A little more of this alleged fickleness—or easy escape from past associations and impressibility to actual circumstances—would have been at the present juncture a tutelary quality to Athens. She would then have appreciated more justly the increased hazards thickening around her both in Sicily and at home. War with Sparta, though not yet actually proclaimed, had become impending and inevitable. Even in the preceding winter, the Lacedæmonians had listened favorably to the recommendation of Alkibiadês[411] that they should establish a fortified post at Dekeleia in Attica. They had not yet indeed brought themselves to execution of this resolve; for the peace between them and Athens, though indirectly broken in many ways, still subsisted in name, and they hesitated to break it openly, partly because they knew that the breach of peace had been on their side at the beginning of the Peloponnesian war; attributing to this fault their capital misfortune at Sphakteria.[412] Athens on her side had also scrupulously avoided direct violation of the Lacedæmonian territory, in spite of much solicitation from her allies at Argos. But her reserve on this point gave way during the present summer, probably at the time when her prospect of taking Syracuse appeared certain. The Lacedæmonians having invaded and plundered the Argeian territory, thirty Athenian triremes were sent to aid in its defence, under Pythodôrus with two colleagues.
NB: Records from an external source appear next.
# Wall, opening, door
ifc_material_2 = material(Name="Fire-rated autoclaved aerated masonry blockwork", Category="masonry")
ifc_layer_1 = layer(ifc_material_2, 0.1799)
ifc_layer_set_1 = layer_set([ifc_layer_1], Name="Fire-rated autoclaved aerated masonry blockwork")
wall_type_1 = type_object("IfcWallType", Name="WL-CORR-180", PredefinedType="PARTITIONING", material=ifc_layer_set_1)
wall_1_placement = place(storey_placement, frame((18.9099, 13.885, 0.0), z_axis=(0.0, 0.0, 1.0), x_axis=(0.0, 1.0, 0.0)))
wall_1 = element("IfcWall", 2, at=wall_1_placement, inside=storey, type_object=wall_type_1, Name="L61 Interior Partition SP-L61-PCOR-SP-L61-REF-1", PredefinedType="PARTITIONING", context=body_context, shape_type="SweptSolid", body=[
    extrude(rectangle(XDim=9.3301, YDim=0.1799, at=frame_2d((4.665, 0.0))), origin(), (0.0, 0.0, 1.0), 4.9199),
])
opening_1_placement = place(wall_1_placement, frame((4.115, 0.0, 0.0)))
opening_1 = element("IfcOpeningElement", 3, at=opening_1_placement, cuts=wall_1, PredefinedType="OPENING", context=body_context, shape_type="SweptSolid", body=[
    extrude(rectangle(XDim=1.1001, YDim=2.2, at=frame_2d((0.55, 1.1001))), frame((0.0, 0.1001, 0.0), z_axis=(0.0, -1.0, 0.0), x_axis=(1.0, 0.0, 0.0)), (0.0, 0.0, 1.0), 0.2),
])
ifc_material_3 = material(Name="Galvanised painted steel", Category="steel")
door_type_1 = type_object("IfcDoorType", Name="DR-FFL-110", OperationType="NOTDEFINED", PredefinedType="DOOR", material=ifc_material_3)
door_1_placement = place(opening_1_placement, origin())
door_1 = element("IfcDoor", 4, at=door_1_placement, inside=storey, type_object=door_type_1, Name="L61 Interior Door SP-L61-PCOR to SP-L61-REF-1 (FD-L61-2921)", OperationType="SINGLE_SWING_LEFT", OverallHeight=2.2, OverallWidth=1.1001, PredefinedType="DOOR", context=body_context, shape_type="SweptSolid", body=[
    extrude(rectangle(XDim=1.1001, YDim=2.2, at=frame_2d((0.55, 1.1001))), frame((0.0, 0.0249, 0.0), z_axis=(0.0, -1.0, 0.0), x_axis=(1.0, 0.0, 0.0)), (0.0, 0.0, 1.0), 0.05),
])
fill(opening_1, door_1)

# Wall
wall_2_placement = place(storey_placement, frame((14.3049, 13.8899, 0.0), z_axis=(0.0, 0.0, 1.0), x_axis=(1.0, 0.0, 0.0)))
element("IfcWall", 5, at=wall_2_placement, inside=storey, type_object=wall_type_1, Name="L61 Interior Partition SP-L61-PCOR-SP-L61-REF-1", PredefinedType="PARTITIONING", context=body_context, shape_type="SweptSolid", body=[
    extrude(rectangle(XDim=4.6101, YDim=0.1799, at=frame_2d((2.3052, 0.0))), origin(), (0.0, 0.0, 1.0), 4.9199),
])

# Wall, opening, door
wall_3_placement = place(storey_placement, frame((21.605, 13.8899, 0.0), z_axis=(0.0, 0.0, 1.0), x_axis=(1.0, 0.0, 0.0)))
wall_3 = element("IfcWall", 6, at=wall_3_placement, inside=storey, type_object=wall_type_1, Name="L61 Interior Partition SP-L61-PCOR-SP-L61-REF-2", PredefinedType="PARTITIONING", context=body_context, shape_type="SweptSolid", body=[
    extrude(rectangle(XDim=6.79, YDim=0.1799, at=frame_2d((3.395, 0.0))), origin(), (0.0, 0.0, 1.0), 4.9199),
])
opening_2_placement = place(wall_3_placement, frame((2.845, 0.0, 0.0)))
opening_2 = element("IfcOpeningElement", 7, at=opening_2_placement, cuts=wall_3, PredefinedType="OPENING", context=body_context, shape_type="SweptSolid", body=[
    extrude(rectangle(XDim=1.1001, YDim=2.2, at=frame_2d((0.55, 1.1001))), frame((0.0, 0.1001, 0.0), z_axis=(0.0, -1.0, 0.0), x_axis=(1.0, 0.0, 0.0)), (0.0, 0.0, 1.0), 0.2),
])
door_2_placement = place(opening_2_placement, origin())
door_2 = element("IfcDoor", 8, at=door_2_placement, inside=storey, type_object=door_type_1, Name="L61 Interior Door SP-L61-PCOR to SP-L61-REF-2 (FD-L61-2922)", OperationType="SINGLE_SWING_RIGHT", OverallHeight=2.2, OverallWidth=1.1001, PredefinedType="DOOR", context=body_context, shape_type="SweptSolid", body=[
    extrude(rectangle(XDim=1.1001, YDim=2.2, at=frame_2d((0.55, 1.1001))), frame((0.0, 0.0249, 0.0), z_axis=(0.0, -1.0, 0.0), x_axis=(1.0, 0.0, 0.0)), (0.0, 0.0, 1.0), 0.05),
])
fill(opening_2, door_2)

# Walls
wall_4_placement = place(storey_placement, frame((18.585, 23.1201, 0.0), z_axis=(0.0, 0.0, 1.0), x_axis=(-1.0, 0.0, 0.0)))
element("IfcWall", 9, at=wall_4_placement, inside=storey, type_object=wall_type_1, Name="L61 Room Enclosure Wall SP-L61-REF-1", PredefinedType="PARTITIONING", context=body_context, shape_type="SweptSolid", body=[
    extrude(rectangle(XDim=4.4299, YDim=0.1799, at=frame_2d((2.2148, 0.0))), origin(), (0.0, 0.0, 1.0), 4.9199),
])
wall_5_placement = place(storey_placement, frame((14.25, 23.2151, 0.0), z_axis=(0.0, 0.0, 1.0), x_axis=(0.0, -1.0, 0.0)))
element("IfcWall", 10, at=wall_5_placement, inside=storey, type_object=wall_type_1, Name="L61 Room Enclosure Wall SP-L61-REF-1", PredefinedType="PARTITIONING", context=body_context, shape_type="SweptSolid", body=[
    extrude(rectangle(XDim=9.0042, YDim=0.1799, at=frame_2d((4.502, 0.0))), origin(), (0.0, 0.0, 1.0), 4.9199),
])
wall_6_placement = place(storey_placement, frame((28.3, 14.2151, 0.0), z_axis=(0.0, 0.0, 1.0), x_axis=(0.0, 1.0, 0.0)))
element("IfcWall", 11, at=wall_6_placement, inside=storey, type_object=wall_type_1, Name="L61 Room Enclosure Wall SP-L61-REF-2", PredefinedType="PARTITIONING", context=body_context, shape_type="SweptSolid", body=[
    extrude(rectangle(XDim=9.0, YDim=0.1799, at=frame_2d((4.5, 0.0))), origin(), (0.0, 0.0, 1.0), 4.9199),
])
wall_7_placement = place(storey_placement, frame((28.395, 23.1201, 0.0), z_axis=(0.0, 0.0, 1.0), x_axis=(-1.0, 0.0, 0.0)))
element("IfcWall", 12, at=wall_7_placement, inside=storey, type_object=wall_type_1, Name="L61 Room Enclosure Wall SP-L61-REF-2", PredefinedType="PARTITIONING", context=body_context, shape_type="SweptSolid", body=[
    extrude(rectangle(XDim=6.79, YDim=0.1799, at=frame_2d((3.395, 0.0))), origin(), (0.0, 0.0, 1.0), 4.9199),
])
This armament disembarked on the eastern coast of Laconia near Prasiæ and committed devastations: which direct act of hostility—coming in addition to the marauding excursions of the garrison of Pylos, and to the refusal of pacific redress at Athens—satisfied the Lacedæmonians that the peace had been now first and undeniably broken by their enemy, so that they might with a safe conscience recommence the war.[413]